Lamar Jackson sprinted back into the MVP race

Back in Week 11, the MVP race shifted. On November 17, Lamar Jackson and the Ravens lost a mess of a game to the Steelers in Pittsburgh, while Buffalo handed Kansas City its first and only loss of the season. From that moment on, Bills quarterback Josh Allen became the MVP front-runner. I understand why that happened, because after Allen beat Patrick Mahomes, he followed it up by going Superman in the snow against the 49ers and producing huge performances against the Rams and Lions. 

But on Christmas Day, Lamar Jackson re-entered the MVP conversation in a big way, reminding the rest of the NFL that he stands alone as the best athlete at the most important position in football.

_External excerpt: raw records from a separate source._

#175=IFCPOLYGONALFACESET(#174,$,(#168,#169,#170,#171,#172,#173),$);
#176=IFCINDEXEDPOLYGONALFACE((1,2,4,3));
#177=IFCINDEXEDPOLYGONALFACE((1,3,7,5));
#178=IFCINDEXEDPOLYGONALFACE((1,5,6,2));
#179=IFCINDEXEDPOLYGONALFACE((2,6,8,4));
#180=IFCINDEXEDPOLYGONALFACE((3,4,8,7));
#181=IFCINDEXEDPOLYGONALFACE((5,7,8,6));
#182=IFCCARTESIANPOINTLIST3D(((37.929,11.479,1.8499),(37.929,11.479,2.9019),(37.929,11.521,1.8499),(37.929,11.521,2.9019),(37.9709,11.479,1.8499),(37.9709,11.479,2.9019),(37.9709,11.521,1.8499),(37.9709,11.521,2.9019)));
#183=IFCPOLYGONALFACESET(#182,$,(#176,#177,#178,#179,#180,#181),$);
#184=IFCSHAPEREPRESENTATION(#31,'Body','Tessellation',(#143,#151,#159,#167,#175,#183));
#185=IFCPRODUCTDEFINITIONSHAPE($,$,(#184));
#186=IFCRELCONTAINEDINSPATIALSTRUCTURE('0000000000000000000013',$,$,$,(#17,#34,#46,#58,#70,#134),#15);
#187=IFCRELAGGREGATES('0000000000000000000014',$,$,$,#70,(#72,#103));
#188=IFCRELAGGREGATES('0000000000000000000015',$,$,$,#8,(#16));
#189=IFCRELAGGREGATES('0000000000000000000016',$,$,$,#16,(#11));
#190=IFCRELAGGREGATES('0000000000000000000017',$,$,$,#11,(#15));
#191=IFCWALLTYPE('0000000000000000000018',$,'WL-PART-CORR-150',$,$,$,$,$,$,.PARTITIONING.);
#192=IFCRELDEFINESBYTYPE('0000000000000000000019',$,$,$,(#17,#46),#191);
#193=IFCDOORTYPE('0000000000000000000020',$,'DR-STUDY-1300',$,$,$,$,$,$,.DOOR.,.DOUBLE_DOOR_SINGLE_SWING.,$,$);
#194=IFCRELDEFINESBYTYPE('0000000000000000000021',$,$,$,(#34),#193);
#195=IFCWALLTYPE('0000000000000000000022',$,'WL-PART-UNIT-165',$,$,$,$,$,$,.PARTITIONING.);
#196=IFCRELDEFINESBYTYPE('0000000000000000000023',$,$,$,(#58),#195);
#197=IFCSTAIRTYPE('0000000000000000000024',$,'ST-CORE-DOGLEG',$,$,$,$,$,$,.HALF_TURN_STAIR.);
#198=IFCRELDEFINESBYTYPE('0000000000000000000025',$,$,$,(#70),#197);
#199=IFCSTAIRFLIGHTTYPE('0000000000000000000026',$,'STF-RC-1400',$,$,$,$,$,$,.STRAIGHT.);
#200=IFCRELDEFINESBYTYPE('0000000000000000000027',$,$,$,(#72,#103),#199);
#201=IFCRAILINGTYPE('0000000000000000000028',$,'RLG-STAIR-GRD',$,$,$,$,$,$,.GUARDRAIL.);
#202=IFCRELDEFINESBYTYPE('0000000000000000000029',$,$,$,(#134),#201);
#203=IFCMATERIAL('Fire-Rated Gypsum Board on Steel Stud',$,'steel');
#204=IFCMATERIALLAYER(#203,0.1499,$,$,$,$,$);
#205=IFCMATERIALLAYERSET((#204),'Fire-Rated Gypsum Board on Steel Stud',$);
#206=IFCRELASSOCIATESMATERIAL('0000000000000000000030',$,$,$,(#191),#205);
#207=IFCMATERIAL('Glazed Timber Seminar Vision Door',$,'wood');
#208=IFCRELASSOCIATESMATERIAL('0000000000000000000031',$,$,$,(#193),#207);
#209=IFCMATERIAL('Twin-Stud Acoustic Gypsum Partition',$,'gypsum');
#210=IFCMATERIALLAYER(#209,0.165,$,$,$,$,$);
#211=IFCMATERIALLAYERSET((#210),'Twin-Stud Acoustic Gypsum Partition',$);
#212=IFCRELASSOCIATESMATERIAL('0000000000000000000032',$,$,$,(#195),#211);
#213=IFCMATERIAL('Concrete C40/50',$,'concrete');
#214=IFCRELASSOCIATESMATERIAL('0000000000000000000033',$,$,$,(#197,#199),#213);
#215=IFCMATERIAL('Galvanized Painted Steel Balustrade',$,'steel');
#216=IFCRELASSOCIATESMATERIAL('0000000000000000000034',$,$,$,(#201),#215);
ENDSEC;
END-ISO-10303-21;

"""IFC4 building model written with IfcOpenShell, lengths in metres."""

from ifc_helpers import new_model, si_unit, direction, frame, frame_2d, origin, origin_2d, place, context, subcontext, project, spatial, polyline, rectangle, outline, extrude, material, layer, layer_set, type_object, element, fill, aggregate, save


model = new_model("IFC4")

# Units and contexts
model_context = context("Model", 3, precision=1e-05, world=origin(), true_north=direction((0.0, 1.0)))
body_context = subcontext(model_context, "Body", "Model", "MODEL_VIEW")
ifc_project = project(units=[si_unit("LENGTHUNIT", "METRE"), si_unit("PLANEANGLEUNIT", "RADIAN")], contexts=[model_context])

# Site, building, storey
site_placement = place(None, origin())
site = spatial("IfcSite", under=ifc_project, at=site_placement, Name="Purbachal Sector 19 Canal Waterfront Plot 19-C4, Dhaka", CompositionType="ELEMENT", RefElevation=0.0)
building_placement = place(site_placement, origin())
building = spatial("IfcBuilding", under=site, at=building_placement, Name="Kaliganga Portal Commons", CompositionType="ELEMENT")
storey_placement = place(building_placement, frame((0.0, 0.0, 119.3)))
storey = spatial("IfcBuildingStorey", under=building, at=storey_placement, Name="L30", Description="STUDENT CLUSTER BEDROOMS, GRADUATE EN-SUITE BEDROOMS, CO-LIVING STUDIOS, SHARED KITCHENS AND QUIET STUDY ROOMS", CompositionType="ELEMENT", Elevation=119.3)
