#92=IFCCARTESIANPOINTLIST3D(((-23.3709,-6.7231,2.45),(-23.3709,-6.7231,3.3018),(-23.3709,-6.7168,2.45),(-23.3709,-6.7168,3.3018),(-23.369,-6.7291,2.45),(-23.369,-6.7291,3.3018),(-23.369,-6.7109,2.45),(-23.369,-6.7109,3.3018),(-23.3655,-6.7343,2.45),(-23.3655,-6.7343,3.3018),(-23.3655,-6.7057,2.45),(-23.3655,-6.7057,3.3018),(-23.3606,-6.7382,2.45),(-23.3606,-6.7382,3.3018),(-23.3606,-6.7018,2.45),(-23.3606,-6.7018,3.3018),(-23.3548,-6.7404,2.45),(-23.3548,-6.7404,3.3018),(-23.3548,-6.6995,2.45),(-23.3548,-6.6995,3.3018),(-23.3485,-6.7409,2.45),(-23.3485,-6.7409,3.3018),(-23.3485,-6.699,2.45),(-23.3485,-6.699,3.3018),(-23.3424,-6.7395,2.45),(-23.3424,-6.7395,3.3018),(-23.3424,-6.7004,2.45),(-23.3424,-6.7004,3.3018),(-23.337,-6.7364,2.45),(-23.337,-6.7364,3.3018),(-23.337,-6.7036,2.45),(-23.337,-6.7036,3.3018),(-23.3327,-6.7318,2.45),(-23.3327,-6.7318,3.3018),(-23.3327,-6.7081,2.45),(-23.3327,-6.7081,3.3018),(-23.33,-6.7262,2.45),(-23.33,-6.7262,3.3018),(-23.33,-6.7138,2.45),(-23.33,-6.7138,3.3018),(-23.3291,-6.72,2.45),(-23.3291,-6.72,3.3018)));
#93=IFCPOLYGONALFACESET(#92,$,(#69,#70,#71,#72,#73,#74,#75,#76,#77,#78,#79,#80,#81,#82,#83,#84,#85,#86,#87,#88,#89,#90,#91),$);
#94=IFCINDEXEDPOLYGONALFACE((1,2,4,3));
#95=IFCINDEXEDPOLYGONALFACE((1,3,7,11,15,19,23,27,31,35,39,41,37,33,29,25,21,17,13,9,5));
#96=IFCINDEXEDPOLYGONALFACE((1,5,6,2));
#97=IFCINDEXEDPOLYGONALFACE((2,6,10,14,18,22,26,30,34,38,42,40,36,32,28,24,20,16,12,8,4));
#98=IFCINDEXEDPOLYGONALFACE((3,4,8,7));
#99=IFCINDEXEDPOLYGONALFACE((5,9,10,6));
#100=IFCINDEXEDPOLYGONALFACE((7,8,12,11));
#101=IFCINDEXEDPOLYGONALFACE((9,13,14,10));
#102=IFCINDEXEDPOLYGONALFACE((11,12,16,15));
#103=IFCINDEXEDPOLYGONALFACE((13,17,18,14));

Because Jackson improved so much as a passer over the last few seasons, we don’t get to see him open up his stride and run anymore, testing the limits of his speed. Jackson has just two runs where he hit at least 20 mph the last two years—and one of those was on Wednesday, on his 48-yard touchdown run that effectively slammed the door on the Texans in the third quarter. It came out of a formation that was reminiscent of the Greg Roman days in Baltimore, with tight ends Isaiah Likely and Mark Andrews, and fullback Patrick Ricard joining Jackson in the backfield. As soon as Jackson pulled the ball to keep it himself, you knew something special was coming. Likely, Andrews, and Ricard each executed their blocks and Jackson went untouched.

Later in the third quarter, Jackson passed Michael Vick as the all-time leading rusher among quarterbacks, accomplishing the feat in 41 fewer games (but over 100 more attempts). It’s worth emphasizing that Jackson won’t turn 28 until next month, leaving plenty of time for him to create an inconceivable distance between him and the dual-threat quarterbacks in generations to come.

But Jackson also has a convincing case to win his third MVP based only on his play as a dropback passer this season. He works through his progression and hunts for chunk plays as efficiently as any quarterback you’ll come across in this sport, and if the throw he wants isn’t there, he’ll dance around and extend outside of the pocket like the NFL is a flag football league.

Jackson is at a point where he is nearly unstoppable on a down-to-down basis, and that should put him in conversation with some of the best to ever play, not just the best to play this season. He has a unique gravity, demanding so much respect as a runner and passer that Baltimore’s opponents can’t even defend running back Derrick Henry the way they’d want to, as was the case Wednesday for the Texans, as Henry rushed for 147 yards and a touchdown. Henry is seeing a career low in rush rates against an eight-man box and a career high in yards per carry. He’s never run for so many yards before contact, and it’s because teams can’t fit every gap out of fear that Jackson will do to every defense what he did to Houston with his legs. If defenses do sell out to take both options away, the play-action pass is coming. Only Jared Goff has been more effective by expected points added on those throws this season than Jackson. Houston was out of answers for Jackson by the end of the first quarter, and if he keeps up this level of play there won’t be any more questions to ask about whether he can win on the biggest stage.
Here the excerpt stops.